General overview of the structure

==Life cycles and host interaction==
Corynephages exhibit two primary life cycles: lytic and lysogenic. In the lytic cycle, the phage attaches to the bacterial cell, injects its DNA, and uses the cell's machinery to replicate its genome and produce new virions. This process eventually leads to the lysis of the host cell and the release of new phage particles. In contrast, the lysogenic cycle involves the integration of the phage's genetic material into the host's genome, forming a prophage. This integrated DNA is replicated along with the host's genome during cell division. The prophage may eventually enter the lytic cycle in response to specific triggers, such as stress or UV radiation. The choice between these life cycles is influenced by various factors, including the environmental conditions and the genetic makeup of both the phage and the host. Host Specificity Phages are often classified based on their host range and specificity, indicating the particular bacterial species or strain they can infect.

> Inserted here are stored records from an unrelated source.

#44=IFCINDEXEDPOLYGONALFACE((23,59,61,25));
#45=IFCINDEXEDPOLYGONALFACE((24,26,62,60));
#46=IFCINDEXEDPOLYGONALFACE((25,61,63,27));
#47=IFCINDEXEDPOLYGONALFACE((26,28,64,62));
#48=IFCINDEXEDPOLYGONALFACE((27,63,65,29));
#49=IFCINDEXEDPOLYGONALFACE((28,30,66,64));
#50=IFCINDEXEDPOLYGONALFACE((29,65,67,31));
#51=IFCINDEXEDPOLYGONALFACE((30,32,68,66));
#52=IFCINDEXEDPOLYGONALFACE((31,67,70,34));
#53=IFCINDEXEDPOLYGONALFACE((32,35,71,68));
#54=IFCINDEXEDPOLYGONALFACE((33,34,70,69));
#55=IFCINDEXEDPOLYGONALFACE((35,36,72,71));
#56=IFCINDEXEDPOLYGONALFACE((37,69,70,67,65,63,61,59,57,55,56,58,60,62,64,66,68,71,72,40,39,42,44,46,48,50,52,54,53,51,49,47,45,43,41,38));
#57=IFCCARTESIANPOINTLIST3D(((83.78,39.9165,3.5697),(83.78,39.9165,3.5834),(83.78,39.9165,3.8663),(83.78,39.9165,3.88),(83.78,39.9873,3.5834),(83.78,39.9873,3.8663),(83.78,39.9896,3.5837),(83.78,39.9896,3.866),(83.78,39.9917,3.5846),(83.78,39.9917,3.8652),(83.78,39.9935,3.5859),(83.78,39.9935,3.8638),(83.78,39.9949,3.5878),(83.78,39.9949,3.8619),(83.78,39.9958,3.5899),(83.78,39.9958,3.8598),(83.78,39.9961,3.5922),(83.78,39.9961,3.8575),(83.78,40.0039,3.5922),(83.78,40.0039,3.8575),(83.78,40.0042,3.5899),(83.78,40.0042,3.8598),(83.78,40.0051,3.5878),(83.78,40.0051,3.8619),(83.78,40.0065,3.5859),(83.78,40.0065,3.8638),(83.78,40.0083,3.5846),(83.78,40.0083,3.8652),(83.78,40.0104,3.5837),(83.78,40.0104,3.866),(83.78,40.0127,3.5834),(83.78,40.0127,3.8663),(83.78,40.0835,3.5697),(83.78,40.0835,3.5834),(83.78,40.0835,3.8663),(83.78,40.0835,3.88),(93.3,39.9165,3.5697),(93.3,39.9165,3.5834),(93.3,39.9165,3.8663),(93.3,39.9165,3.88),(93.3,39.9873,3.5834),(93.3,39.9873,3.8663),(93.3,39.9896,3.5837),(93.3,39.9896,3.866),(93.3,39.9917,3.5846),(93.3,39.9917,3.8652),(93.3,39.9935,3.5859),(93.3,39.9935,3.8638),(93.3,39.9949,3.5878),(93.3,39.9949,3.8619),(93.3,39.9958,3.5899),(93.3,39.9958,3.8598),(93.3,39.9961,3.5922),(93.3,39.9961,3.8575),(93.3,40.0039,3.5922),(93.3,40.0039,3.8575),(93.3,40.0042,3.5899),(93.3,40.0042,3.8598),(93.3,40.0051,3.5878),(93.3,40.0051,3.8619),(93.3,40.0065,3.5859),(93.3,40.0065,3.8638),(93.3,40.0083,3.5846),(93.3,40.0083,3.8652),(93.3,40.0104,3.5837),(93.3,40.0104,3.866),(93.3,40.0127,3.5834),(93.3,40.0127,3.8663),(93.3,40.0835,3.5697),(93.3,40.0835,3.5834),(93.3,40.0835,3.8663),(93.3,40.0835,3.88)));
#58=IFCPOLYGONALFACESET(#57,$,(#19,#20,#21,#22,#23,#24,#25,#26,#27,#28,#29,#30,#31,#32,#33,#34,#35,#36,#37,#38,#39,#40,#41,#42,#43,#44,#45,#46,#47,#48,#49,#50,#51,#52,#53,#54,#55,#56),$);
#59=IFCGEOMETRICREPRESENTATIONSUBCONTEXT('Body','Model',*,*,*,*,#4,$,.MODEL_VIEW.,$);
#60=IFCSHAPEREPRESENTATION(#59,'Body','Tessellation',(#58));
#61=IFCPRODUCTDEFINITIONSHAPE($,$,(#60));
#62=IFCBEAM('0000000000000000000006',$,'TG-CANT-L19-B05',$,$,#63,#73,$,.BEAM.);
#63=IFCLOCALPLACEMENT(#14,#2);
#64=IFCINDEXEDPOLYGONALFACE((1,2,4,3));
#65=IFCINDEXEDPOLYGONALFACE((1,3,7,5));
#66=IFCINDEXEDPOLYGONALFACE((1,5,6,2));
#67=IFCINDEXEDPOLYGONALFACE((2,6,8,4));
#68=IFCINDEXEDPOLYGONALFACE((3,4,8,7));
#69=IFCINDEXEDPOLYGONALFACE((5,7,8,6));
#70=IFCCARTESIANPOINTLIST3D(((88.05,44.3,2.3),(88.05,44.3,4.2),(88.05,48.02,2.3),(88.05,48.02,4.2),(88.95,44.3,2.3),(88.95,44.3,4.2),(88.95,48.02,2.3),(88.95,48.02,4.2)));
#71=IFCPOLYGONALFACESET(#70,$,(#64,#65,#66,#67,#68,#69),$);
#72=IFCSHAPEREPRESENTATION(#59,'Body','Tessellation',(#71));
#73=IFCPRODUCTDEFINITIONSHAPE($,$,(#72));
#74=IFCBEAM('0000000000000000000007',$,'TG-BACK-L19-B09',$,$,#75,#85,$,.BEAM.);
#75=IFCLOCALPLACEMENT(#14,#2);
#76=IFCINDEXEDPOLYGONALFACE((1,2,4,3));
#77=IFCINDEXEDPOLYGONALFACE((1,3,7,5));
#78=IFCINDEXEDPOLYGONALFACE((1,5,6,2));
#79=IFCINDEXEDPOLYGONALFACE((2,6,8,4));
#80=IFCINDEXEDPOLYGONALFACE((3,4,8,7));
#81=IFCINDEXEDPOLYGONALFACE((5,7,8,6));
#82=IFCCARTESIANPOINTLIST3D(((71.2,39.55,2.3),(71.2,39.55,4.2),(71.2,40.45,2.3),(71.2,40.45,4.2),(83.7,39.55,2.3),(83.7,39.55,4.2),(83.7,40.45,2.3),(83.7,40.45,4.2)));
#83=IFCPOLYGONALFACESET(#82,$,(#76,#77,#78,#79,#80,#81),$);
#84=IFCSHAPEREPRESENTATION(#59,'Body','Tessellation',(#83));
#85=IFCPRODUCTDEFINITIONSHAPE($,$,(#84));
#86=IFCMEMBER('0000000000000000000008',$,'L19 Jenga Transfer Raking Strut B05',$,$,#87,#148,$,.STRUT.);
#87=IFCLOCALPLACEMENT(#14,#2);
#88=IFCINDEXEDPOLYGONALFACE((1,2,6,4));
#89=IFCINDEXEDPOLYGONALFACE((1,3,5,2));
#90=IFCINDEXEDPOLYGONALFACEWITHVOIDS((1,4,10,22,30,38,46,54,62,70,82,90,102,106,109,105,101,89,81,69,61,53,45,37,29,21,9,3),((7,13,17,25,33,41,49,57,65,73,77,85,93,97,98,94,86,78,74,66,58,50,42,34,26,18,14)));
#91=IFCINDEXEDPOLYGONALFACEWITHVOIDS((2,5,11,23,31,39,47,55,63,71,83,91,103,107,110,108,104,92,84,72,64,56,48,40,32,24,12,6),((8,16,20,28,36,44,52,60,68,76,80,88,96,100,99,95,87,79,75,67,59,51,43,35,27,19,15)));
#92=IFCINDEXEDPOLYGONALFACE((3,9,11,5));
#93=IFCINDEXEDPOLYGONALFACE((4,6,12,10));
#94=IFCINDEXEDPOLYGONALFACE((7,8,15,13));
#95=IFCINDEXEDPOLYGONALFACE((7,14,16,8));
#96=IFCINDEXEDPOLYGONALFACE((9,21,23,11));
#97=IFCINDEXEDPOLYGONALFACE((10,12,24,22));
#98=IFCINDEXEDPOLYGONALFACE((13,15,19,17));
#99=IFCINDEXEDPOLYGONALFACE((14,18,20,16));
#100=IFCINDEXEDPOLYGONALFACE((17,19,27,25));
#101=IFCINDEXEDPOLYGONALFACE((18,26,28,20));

==Applications in research and medicine==
Corynephages are of significant interest in the fields of microbiology and biotechnology. Their specificity to Corynebacterium species makes them valuable tools in the study of these bacteria, including pathogenic strains like Corynebacterium diphtheriae. Phages are used to understand bacterial genetics, evolution, and mechanisms of pathogenicity. In the era of increasing antibiotic resistance, corynephages also offer potential in phage therapy, an alternative to traditional antibiotics. Phage therapy exploits the natural ability of phages to infect and lyse specific bacteria, providing a targeted approach to treat bacterial infections, especially those resistant to conventional treatments. Additionally, the genetic diversity and adaptability of corynephages make them a rich source for biotechnological applications, such as the development of novel antibacterial agents or the delivery of therapeutic genes.

==Genome size==
The genomes of corynephages can vary widely in size. They typically range from about 15,000 to 100,000 base pairs, although this can vary depending on the specific phage.

Corynebacterium phage Corlili

Phage stock CL31 obtained from Felix D'Herelle Reference Center for Bacterial Viruses. CL31 was originally isolated on C. glutamicum ATCC 15990 Centre de Recherche de Biochimie et de Génétique Cellulaire

CNRS, 31062 Toulouse, France before 1985.

The original CL31 phage stock makes plaques on MB001, albeit at a lower plaque formation efficiency than on ATCC 15990. Plaques obtained on MB001, when picked and propagated on the same strain, resulted in very high titer phage stocks.